The force was never supposed to be mobilized this quickly. The first National Guard recruits had been scheduled to graduate only later this month, officials said, and Mr. López Obrador told reporters last month that “formal, national operations” would officially begin on June 30.

It still remained unclear on Friday if newly activated Guard members had received any training in border protection or migration enforcement.

“The National Guard — let me put it gently — is a work in progress,” said Alejandro Hope, a leading security analyst in Mexico City.

Mexican officials have refused to say how many Guard members have already been mobilized and to where as part of the migration-control push in southern Mexico. And residents and reporters in Tapachula, a main city near the southern border, say they have seen no National Guard personnel in the area yet.

But Mr. Ebrard, in a news conference on Friday, said the deployment would involve not just the National Guard but also army and marine forces.

Questions submitted this week to the López Obrador administration seeking clarity about the evolution, size, training, deployment and new mandate of the National Guard went unanswered.

The Guard was the product of wrenching debates in Mexico’s Congress and civil society.

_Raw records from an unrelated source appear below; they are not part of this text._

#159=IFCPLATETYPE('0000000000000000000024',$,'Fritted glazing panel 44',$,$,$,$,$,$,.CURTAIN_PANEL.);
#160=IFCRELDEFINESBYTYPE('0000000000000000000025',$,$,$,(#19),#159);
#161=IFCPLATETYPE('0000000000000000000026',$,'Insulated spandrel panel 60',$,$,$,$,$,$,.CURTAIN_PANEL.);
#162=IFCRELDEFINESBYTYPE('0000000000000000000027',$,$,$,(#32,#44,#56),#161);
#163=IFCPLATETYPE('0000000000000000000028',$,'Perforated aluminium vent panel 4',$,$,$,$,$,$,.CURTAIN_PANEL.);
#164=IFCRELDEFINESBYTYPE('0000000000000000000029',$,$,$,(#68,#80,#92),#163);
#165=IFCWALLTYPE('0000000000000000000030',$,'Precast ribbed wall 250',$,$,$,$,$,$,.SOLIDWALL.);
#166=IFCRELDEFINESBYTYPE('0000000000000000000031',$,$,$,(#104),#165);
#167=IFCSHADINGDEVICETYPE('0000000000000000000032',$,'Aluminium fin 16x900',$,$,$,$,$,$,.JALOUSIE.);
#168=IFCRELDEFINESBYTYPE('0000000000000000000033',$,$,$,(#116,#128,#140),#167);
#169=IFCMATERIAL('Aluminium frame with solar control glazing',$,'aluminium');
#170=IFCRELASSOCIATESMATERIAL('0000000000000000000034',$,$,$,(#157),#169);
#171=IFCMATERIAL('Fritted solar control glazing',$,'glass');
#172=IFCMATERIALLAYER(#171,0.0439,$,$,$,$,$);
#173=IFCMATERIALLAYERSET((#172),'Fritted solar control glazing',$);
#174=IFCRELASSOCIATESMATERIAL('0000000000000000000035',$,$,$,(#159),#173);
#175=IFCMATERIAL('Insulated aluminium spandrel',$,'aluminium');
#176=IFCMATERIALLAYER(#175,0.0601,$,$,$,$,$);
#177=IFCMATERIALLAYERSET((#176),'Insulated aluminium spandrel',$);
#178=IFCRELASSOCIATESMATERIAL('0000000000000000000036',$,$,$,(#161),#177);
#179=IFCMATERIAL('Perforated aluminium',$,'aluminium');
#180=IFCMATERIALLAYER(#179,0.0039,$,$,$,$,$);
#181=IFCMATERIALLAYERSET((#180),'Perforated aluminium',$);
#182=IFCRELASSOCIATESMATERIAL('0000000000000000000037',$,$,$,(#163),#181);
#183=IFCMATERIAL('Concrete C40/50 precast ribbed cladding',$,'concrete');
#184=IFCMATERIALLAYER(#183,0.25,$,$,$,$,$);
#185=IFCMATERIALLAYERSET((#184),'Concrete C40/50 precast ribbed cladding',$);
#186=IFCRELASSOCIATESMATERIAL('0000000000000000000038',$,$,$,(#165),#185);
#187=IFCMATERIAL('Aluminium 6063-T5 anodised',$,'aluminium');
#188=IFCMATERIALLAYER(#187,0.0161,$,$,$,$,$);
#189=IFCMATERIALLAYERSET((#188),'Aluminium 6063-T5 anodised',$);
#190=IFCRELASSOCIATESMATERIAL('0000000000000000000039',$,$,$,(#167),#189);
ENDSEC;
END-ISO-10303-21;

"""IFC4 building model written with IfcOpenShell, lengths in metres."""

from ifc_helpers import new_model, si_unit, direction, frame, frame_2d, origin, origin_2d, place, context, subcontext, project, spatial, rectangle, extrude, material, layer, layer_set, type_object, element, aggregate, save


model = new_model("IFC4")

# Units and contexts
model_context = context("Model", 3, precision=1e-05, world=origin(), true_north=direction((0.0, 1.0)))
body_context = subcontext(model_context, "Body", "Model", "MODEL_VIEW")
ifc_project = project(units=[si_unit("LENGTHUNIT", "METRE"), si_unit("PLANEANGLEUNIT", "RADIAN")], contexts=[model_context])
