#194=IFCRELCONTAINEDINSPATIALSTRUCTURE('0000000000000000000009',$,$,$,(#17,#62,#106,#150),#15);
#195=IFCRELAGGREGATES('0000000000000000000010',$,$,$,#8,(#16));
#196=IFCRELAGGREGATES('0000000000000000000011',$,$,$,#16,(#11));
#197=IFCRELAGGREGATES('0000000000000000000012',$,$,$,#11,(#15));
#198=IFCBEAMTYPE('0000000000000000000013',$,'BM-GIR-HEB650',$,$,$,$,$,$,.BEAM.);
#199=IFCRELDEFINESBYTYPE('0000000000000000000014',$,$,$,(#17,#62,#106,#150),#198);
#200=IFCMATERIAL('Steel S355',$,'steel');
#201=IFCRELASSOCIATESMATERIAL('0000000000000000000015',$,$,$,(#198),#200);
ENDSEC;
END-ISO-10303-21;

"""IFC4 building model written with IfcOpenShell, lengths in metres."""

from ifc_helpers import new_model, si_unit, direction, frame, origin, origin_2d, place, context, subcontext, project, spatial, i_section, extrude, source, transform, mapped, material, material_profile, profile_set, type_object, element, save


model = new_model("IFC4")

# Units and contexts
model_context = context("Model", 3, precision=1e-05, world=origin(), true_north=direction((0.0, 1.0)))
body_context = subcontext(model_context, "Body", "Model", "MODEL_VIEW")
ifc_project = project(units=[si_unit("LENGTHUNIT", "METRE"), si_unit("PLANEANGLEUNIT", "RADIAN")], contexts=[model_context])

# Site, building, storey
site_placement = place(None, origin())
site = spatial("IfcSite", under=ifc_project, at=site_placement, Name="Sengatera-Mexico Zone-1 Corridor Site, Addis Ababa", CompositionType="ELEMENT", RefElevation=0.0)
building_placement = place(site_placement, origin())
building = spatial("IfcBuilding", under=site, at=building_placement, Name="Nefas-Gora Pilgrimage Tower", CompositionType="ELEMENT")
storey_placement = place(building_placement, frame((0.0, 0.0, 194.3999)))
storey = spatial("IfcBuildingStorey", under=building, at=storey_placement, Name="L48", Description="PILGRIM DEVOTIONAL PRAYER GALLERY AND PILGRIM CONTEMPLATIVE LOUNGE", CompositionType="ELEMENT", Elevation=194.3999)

During his election campaign last year, Mr. López Obrador was critical of his two predecessors’ use of the military to fight drug traffickers and other violent criminal groups.

But shortly before he took office in December, Mr. López Obrador reversed himself and floated the idea of a military-led National Guard as part of a new strategy to combat violence, which was at record levels.

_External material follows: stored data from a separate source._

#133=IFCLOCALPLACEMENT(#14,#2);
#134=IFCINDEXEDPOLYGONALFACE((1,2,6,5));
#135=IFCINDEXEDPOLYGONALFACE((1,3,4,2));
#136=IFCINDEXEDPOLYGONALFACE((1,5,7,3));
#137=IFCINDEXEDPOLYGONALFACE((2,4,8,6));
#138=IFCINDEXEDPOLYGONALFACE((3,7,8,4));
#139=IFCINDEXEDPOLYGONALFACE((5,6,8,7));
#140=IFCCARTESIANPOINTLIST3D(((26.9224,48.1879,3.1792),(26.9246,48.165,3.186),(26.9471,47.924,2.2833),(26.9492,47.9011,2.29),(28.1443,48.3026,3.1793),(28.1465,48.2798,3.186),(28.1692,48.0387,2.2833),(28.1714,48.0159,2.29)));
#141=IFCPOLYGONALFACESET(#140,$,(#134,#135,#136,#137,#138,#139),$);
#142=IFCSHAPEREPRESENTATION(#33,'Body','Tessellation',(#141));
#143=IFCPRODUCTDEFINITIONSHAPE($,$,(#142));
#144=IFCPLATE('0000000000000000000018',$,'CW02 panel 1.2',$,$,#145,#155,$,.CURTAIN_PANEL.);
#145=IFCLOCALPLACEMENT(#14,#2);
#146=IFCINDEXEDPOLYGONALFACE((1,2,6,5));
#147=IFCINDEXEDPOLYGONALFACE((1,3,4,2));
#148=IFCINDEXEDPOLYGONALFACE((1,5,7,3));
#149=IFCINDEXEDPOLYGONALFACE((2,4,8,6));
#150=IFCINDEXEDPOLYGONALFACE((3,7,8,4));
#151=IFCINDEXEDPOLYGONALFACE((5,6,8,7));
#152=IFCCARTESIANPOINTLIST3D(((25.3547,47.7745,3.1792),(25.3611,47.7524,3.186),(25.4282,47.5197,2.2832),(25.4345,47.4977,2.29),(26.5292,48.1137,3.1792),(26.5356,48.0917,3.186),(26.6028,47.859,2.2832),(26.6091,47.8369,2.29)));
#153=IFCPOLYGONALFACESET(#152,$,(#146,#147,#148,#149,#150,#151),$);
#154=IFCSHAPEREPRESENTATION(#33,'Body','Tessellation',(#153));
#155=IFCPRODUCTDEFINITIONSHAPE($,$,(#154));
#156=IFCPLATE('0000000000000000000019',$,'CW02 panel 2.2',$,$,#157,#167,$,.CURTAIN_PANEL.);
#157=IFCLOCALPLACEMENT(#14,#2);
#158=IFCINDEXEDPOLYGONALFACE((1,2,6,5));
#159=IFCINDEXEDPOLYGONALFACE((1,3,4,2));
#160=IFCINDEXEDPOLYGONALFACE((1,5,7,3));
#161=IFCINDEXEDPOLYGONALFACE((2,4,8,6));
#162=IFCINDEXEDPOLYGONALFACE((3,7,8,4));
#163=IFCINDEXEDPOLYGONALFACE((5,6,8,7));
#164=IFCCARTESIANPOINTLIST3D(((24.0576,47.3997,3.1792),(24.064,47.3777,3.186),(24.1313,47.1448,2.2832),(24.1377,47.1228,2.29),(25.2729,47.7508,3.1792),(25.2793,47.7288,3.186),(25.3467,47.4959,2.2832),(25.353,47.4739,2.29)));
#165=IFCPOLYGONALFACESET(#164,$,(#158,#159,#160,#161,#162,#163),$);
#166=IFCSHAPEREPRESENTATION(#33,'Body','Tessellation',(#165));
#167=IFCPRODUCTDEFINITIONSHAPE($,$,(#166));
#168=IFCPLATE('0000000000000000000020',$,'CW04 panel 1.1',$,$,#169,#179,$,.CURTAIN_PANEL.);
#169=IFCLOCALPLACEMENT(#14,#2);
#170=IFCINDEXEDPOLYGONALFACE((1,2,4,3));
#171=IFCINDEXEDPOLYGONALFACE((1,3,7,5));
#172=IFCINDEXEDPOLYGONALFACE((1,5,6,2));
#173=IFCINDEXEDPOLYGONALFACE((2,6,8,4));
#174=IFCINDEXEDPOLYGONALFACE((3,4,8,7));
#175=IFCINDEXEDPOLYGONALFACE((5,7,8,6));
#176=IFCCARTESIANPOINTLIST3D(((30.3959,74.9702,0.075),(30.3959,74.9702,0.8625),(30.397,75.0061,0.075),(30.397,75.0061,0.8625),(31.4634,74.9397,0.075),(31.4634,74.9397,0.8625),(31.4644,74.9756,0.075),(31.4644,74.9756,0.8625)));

Mexico’s legislature eventually approved the creation of a Guard made up of members of the Federal Police and the policing units of the army and navy. But under pressure from human rights groups and others concerned about the use of the military in a policing role, lawmakers put the force under the authority of the civilian Ministry of Security and Citizen Protection.

Critics are now questioning the diversion of this force to support migration enforcement.

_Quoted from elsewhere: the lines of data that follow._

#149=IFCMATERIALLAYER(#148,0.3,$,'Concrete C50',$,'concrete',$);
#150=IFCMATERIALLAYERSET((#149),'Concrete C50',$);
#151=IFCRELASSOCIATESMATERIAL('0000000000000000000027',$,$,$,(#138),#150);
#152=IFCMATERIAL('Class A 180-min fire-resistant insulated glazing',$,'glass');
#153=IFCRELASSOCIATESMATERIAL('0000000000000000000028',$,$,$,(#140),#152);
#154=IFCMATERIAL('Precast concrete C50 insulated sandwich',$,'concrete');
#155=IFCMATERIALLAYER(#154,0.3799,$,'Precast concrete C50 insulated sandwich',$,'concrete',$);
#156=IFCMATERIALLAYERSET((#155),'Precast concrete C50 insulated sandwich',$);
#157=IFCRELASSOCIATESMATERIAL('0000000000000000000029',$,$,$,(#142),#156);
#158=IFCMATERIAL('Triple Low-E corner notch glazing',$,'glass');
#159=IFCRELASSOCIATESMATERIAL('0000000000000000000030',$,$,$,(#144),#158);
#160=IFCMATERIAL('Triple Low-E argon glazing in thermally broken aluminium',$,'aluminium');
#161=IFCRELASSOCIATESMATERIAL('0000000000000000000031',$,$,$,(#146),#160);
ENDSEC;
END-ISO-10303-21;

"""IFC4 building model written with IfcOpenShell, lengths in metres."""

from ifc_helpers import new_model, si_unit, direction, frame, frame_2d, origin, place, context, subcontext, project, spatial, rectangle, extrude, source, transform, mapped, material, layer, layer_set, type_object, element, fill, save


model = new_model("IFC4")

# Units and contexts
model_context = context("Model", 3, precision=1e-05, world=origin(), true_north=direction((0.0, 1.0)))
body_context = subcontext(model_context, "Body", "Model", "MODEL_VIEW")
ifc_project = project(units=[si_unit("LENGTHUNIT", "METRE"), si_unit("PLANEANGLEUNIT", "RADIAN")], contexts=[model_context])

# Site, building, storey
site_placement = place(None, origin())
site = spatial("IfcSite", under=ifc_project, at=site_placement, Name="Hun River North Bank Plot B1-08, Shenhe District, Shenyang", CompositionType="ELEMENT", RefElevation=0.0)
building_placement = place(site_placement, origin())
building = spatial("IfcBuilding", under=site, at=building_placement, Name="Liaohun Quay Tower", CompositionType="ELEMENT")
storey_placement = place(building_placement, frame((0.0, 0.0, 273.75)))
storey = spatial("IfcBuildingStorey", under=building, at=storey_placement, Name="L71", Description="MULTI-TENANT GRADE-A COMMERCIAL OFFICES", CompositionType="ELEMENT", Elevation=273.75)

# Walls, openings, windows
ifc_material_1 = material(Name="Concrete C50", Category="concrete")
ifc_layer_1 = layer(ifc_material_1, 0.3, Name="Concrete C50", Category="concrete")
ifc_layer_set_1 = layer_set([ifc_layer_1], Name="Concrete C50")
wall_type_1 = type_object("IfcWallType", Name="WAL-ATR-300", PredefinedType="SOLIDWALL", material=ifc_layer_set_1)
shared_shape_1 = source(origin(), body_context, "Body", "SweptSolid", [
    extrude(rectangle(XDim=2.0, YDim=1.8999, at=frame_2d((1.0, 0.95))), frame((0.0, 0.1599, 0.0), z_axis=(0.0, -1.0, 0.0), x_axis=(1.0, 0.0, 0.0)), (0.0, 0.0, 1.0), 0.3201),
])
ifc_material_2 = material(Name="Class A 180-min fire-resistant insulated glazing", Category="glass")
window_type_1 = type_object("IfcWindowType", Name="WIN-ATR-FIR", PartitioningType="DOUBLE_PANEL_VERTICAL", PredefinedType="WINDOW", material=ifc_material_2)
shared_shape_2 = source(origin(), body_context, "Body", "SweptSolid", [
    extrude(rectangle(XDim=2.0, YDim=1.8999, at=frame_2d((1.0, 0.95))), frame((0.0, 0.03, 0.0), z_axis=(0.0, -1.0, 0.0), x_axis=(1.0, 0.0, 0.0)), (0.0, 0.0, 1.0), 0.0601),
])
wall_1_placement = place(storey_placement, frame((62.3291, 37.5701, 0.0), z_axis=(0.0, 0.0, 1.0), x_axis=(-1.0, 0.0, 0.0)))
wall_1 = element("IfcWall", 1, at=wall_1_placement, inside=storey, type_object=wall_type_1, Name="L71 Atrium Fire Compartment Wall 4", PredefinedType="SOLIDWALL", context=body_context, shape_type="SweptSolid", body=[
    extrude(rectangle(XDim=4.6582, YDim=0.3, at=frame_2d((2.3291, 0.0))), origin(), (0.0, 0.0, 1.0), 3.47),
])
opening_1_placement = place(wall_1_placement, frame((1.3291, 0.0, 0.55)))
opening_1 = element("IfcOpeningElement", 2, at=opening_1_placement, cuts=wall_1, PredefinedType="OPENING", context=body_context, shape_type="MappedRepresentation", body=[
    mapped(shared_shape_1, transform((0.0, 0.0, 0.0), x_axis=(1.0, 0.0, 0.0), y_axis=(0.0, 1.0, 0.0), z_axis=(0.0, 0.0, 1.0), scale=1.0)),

The National Guard was created “to deal with organized crime and security, not to interdict migrants, which are not a security threat for Mexico,” said Adam Isacson, director for defense oversight at the Washington Office on Latin America, a research and advocacy group.

The nation’s security forces “need all the manpower they can get” to address the spiraling violence and widespread insecurity, he said.

And advocates for migrants and human rights say it is inappropriate to deploy a paramilitary security force whose training is uncertain to confront migrants fleeing poverty and violence.

“It’s something that worries us a lot, that really big flow of unaccompanied minors,” he said. “It’s something critical.” The López Obrador administration plans to meet next week to discuss that particular issue with various United Nations agencies and the International Organization for Migration, Mr. Ebrard said.

Expecting a sharp increase in detentions, Mexican officials are also planning to expand the government’s system of detention centers in southern Mexico.

In recent months, the Mexican authorities, under sustained pressure from the Trump administration, have drastically increased the detention and deportation of undocumented migrants. As a result, the region’s detention centers are full.

Nevertheless, the number of migrants apprehended at the southwest border of the United States has continued to climb.

Some migration experts say the National Guard deployment could be effective in impeding some illegal cross-border migration and could regulate the traffic of migrants along Mexico’s main highways.

But that pressure could also drive migrants to take more remote, perilous routes — including trying to travel by sea — and ultimately benefit the most powerful organized-crime groups, which would be best equipped to manage and profit from the new migratory routes, analysts say.

“Everyone is talking about who won and who lost” in the bilateral negotiations last week, Mr. Hope said. “I’m not sure. But it’s pretty clear to me that migrants lost. Traveling through Mexico is a very dangerous proposition. Now it’s going to become more dangerous.”